McFarland returned to New York and on 15 September 1923 joined the Scouting Fleet at Newport, Rhode Island. With only two interruptions, she operated along the East coast and in the Caribbean for the next 17 years. The first interruption came with a cruise to Hawaii for the 1925 fleet problem involving an attack on Oahu; the second, a year out of commission, in reserve, at Philadelphia, 1931. On 2 August 1940, McFarland, undergoing conversion, was redesignated AVD-14, seaplane tender (destroyer). On 5 October she was recommissioned in full and assigned to the Pacific Fleet.

===1923 collision===
McFarland was heavily damaged during the early morning of 19 September 1923 after being rammed on the port side forward of her bridge by the battleship during night maneuvers off of the Cape Cod Canal. The training exercise was being undertaken by Arkansas, the battleship , the auxiliary ship and a flotilla of a dozen destroyers. McFarland was towed to Boston Navy Yard by the destroyer .

===World War II===
On 7 December 1941, McFarland, operating out of Pearl Harbor, was conducting antisubmarine maneuvers off Maui. Receiving word of the Japanese attack, she patrolled to the southwest, returning to Oahu on 9 December. For the next seven months she operated from Pearl Harbor, completing several voyages to Palmyra Atoll and Johnston Islands. On these missions she carried Marine reinforcements to the islands and returned with civilian personnel.

McFarland sailed for the South Pacific 2 June 1942. She arrived at Noumea on 16 June and within a month she made her first contact with an enemy submarine in Bulari Pass, 15 July. In August, as the Guadalcanal offensive neared, she assumed tender duties in the Espiritu Santo - Santa Cruz Islands area. Assigned to keeping the supply lines open, McFarland carried supplies to the embattled island and evacuated wounded marine personnel while the planes she tendered performed scouting and fighting missions.

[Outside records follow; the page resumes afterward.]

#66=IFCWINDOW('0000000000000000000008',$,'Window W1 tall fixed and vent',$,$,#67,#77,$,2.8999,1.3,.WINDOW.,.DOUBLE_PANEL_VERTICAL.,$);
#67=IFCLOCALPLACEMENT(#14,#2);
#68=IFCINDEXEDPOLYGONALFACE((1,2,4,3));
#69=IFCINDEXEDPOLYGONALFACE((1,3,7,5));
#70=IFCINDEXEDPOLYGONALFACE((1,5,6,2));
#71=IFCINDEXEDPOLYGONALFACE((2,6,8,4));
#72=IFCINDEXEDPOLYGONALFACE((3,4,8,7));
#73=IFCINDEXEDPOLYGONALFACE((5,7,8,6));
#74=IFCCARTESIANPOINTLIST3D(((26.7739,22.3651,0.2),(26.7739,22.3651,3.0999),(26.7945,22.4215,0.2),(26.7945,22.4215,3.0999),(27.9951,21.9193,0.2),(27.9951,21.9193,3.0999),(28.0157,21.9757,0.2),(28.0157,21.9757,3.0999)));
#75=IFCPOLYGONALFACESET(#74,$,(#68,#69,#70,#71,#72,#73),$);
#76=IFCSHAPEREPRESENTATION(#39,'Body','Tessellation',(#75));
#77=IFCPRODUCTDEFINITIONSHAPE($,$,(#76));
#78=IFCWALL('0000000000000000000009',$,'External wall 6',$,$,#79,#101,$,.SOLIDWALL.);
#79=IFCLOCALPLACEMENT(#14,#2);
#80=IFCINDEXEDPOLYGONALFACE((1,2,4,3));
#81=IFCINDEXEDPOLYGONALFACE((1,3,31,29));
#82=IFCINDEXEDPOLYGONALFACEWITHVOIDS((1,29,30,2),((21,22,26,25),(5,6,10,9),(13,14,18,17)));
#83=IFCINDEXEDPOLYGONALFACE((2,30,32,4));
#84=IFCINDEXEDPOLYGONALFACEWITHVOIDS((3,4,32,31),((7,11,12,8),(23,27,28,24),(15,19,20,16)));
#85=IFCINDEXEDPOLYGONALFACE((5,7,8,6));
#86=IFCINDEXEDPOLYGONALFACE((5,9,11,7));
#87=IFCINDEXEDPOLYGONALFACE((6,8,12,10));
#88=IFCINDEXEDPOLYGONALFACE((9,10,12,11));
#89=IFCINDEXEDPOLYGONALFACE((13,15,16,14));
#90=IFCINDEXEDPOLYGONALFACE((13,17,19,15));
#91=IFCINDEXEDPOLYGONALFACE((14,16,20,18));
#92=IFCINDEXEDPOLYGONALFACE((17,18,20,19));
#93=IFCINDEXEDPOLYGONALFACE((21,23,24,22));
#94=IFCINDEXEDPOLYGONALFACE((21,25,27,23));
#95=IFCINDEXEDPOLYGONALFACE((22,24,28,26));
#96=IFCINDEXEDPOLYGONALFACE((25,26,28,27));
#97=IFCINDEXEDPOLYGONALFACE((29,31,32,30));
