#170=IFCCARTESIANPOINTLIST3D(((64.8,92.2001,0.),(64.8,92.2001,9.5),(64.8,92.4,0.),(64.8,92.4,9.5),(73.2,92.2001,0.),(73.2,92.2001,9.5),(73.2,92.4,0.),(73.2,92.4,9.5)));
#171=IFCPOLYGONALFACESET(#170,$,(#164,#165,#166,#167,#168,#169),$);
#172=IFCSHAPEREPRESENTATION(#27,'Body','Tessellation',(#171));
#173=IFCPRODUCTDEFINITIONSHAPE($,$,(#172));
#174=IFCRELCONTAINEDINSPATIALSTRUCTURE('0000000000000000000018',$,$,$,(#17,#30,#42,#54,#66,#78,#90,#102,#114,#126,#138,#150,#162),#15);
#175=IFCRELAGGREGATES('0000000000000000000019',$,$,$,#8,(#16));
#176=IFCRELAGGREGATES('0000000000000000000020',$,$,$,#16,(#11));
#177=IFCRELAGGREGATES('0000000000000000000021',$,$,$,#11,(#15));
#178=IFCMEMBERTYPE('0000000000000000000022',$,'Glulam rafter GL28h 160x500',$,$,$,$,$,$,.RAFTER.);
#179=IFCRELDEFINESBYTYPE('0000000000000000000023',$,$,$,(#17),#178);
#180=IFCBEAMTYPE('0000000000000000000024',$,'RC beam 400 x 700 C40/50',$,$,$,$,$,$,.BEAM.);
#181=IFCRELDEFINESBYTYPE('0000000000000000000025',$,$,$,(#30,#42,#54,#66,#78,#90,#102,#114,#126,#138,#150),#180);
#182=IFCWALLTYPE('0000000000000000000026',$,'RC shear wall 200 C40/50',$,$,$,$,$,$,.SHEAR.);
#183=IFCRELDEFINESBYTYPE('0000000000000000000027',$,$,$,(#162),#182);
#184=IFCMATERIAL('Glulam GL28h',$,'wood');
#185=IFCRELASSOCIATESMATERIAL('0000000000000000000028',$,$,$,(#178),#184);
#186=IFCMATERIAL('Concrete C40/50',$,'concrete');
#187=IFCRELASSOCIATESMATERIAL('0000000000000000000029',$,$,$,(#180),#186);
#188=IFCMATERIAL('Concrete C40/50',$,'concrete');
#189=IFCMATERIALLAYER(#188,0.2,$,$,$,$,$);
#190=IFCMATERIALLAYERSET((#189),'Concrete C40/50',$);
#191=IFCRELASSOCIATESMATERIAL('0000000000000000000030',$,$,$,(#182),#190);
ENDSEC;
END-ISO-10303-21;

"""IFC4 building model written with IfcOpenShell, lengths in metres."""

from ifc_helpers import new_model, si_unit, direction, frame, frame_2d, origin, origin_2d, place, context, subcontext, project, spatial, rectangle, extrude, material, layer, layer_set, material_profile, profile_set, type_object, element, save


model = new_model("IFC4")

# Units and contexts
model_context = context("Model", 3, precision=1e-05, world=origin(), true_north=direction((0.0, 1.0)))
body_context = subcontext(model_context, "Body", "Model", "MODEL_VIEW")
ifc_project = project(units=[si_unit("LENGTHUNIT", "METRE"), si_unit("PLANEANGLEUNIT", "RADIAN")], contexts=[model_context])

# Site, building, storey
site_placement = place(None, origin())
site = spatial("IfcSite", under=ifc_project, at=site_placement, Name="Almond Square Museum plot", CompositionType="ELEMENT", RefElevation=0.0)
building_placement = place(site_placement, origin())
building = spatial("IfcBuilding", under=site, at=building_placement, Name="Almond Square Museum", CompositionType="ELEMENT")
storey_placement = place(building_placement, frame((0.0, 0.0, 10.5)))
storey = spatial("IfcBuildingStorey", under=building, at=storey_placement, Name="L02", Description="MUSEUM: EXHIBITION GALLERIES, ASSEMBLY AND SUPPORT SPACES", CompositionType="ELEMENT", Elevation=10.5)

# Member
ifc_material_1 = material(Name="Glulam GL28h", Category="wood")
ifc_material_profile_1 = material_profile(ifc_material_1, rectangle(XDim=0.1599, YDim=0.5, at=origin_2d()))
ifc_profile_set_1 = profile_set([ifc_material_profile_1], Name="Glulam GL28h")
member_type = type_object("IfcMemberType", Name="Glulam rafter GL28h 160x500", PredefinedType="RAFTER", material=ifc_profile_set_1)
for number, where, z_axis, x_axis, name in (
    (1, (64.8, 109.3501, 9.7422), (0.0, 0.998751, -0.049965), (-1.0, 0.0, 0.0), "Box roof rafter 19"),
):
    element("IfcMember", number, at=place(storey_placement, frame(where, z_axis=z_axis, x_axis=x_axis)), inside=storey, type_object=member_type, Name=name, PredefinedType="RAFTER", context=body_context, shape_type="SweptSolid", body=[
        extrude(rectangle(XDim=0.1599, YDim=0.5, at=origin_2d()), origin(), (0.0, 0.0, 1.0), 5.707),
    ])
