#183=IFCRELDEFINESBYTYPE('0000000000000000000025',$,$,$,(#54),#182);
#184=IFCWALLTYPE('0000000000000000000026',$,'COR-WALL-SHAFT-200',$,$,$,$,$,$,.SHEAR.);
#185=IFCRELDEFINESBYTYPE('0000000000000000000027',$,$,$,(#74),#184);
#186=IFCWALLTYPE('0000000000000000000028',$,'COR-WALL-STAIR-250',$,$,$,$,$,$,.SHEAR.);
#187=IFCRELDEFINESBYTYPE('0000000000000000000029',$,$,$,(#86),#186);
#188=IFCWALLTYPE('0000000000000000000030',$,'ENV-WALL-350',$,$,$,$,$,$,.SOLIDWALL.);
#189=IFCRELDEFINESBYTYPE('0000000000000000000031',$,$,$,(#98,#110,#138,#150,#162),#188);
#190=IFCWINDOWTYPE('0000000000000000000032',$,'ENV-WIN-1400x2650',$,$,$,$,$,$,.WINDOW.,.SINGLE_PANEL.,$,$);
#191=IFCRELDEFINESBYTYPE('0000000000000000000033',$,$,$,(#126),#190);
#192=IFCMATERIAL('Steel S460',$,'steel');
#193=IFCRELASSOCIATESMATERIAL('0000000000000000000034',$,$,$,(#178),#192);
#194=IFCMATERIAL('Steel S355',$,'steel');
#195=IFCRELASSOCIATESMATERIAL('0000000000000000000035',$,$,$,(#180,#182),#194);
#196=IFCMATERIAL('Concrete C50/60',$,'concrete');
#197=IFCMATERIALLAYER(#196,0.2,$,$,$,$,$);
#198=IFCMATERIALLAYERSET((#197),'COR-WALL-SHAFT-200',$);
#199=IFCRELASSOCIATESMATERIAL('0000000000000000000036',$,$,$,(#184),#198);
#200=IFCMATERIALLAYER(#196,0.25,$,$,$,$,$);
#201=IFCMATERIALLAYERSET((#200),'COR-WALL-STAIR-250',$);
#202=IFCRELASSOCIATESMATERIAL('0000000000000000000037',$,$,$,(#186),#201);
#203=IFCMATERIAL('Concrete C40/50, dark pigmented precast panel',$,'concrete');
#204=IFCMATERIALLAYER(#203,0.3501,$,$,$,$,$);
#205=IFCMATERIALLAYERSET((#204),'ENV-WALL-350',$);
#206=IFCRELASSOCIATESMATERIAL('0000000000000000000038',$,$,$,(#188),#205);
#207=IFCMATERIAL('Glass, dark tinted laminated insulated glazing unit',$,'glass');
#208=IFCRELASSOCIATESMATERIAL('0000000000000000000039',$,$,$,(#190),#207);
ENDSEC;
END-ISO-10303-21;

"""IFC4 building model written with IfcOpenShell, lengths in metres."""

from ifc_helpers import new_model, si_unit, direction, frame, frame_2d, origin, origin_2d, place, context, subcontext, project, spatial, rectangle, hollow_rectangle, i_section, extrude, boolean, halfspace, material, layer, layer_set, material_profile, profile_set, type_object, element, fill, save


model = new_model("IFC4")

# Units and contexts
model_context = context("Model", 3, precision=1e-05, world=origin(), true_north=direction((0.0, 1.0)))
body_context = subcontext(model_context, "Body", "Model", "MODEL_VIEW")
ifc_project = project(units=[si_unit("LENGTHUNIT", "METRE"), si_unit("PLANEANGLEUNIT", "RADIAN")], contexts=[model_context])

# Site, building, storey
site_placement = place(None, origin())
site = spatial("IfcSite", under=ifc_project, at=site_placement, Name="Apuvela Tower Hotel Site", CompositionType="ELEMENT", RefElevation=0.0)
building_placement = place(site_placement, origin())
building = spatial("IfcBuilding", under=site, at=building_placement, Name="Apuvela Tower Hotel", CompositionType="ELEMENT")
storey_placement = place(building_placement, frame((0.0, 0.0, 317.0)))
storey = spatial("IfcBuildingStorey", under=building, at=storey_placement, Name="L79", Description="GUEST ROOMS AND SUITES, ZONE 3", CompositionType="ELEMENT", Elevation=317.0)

On 16 October, McFarland was unloading cargo and embarking wounded personnel in Lunga Roads when she was attacked by nine dive bombers. While the first seven scored no hits, the eighth hit a gasoline barge in tow alongside the tender's starboard quarter. The blazing barge was cut loose as the ninth plane made its run. At least one bomb hit McFarlands stern, knocking out her rudder and steering engine. Her crew shot down one plane, but lost eleven of its members in the fight; five killed, six missing, with an additional 12 critically wounded. For this action, the ship was awarded the first ever US Navy Presidential Unit Citation.

McFarland was towed to Florida Island, where she moored to the beach in the upper channel (later called McFarland Channel) of Tulagi harbor. She completed makeshift repairs to her hull by 26 November and sailed to Espiritu Santo, where further repairs increased her seaworthiness. On 17 December she began to make her way back to Pearl Harbor, arriving on 29 December.

Repairs completed by 17 April 1943, McFarland sailed for the west coast. Redesignated DD-237 on 1 December 1943, and homeported at San Diego, California for the remainder of the war, she operated with aircraft carriers as they conducted training exercises and pilot qualification landings. On 30 September 1945, she sailed for the east coast.

Decommissioned at Philadelphia on 8 November 1945, she was struck from the Navy Register on 19 December. Her hulk was sold for scrap on 29 October 1946 to the North American Smelting Company, Philadelphia.

==Awards==
McFarland received two battle stars for her World War II service.